Radiation Turbulence Chemistry Interaction
The design of gasifiers and their operation has largely been an experience based enterprise. The gasification models developed over the years have not been robust enough to apply to a wide range of operating conditions, gasifier geometries and feedstocks. The primary reason behind this shortcoming is the failure to incorporate detailed physics and chemistry of all the coupled non-linear phonemena occuring during solid fuel gasification. Gasification inherently involves a complicated, non-linear coupling of various physical/chemical phenomena including devolatilization, swirl-induced turbulent mixing, homogeneous/heterogeneous combustion, radiative/convective heat transport, slag formation etc. Before we aim to accurately predict overall metrics of gasifier performance like fuel conversion and syngas composition, we need to build a satisfactory level of confidence in the sub-models of the various physical processes in the gasifier. In this work, we build, refine and validate the various submodels involved in the multiscale CFD modeling of entrained flow gasification.

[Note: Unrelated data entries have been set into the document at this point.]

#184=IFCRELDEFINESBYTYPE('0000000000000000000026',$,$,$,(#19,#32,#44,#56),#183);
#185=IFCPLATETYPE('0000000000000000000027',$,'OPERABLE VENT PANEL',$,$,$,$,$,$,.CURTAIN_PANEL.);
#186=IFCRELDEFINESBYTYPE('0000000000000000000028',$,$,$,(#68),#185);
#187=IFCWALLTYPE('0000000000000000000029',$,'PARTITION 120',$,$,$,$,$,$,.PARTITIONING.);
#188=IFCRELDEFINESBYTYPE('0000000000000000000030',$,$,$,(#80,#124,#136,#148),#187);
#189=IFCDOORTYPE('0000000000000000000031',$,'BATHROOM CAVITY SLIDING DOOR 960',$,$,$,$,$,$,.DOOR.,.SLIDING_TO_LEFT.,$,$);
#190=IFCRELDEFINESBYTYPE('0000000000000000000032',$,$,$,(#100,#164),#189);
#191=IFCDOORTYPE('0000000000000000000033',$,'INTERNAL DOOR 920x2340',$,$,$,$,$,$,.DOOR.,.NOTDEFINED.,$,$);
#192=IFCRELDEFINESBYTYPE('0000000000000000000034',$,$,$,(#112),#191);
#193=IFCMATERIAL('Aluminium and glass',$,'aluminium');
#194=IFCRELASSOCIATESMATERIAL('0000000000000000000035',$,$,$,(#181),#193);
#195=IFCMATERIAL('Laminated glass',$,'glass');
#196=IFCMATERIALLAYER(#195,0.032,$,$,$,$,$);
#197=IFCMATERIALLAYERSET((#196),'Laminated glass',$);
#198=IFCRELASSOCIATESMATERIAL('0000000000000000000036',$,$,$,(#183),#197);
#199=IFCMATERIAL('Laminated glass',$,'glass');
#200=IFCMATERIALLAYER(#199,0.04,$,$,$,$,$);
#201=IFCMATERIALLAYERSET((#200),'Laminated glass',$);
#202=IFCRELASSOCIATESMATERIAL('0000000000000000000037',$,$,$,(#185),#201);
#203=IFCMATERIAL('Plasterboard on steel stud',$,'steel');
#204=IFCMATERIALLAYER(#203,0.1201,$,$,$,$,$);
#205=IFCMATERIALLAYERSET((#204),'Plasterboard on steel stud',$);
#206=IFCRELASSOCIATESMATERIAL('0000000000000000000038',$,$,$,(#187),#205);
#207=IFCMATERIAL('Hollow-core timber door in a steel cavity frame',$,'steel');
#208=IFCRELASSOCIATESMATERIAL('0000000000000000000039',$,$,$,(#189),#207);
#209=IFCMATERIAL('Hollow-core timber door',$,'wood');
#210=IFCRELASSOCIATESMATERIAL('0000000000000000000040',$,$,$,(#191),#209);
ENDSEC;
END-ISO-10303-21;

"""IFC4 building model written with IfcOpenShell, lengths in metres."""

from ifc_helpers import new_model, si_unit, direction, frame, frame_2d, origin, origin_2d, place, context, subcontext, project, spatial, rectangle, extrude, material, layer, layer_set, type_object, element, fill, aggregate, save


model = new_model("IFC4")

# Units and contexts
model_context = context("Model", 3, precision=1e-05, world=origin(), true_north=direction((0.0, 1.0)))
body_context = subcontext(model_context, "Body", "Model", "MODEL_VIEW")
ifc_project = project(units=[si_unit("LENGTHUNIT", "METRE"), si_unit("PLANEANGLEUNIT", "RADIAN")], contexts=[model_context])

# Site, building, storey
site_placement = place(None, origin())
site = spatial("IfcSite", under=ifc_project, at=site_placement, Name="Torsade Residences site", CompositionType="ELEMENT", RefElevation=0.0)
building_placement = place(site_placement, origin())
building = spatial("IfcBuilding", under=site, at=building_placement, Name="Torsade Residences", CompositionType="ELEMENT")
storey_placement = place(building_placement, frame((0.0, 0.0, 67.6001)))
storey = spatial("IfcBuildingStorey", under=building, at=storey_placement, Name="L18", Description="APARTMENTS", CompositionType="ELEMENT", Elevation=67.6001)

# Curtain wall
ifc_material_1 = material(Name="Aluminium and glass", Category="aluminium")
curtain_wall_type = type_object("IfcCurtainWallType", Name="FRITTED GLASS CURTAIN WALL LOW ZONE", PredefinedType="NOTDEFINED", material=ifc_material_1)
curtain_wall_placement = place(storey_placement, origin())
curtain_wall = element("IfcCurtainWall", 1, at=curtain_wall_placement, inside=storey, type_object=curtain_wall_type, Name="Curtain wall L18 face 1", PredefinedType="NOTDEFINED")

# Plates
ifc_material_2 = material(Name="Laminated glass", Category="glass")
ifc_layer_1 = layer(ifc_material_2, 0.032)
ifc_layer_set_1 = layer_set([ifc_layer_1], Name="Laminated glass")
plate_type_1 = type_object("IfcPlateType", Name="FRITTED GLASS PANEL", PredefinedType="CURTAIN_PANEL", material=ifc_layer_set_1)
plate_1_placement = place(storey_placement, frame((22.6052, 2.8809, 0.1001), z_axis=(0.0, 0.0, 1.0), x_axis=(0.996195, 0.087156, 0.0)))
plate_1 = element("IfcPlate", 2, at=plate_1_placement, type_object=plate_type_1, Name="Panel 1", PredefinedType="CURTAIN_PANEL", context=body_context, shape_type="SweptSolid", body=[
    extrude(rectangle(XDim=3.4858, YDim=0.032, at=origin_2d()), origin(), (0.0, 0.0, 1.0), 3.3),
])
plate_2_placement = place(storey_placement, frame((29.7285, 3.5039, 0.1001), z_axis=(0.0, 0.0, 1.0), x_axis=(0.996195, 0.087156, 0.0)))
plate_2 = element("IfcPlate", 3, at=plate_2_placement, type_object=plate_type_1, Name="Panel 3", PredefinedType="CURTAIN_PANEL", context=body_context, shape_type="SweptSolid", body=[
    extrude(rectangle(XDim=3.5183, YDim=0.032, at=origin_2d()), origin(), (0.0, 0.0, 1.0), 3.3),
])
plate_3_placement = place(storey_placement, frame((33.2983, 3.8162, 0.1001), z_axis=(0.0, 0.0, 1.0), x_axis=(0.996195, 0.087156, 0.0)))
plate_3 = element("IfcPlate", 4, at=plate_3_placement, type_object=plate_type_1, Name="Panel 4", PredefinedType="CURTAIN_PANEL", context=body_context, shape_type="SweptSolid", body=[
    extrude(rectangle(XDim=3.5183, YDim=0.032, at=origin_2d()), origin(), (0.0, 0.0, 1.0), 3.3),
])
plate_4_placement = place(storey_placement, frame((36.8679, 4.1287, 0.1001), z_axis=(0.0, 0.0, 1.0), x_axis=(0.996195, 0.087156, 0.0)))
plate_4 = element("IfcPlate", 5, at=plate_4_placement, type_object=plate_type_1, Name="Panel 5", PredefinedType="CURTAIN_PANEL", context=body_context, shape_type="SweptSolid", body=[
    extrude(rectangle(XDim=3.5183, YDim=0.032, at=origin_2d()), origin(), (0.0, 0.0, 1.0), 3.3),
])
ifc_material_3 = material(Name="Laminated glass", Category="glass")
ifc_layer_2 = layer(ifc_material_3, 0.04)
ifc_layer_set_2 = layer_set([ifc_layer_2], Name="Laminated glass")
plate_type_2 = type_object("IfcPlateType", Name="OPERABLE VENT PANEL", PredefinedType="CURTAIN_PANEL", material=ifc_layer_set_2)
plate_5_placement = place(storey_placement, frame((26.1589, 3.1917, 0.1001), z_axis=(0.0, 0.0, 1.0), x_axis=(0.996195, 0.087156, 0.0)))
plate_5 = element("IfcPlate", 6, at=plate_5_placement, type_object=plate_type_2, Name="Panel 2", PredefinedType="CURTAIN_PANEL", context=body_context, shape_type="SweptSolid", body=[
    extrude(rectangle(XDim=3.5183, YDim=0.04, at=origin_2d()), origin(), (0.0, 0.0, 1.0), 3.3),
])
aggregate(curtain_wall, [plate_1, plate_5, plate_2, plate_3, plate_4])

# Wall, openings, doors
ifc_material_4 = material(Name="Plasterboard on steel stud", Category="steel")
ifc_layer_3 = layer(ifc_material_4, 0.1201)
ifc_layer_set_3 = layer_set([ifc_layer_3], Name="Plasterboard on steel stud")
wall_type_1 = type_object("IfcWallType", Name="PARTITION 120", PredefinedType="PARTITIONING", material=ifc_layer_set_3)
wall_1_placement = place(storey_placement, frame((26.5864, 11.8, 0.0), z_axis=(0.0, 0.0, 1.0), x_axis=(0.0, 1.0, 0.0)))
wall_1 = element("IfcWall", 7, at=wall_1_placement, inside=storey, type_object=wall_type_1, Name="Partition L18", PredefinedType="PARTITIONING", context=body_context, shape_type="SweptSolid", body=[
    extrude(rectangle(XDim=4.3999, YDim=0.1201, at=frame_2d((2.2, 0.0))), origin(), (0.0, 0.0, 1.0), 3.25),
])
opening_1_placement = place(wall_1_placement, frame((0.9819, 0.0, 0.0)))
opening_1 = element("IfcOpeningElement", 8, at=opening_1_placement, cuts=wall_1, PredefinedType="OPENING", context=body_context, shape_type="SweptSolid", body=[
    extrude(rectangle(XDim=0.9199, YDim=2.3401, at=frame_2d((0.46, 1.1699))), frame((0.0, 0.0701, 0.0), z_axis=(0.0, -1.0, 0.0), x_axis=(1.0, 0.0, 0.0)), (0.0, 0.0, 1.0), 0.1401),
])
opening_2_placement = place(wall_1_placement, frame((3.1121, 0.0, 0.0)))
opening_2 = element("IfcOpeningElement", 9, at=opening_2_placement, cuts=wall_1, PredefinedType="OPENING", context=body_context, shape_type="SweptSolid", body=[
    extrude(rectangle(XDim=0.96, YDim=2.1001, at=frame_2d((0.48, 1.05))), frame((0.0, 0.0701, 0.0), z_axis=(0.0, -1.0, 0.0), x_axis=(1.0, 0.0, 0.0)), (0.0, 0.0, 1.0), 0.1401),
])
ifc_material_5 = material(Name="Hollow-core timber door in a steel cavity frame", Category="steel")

Dynamic Reduced Order Modeling
In order for entrained flow gasification to become a mainstream and cost-effective energy conversion technology, a number of technical design issues must be addressed. These include: lack of dynamic feedstock flexibility, injector failure, refractory failure, slag blockages and corrosion, poor space efficiency, downstream fouling and poisoning, and poor plant integration. Detailed modeling is one method whereby improved gasifier designs can be analyzed. These models would ideally employ Computational Fluid Dynamics (CFD) and extremely detailed submodels to predict temperature, composition and char conversion distributions. Such detail makes integration of these models with process flowsheet models of the overall plant difficult and impractical. For this reason, we propose to develop Dynamic Reduced Order Models (DROMs) for gasifiers, which capture the most important physical processes of gasification, but without the computational intensity of more detailed simulation. The primary functions of the DROMs will be to investigate and optimize the dynamic interaction of the gasifier with the rest of the plant.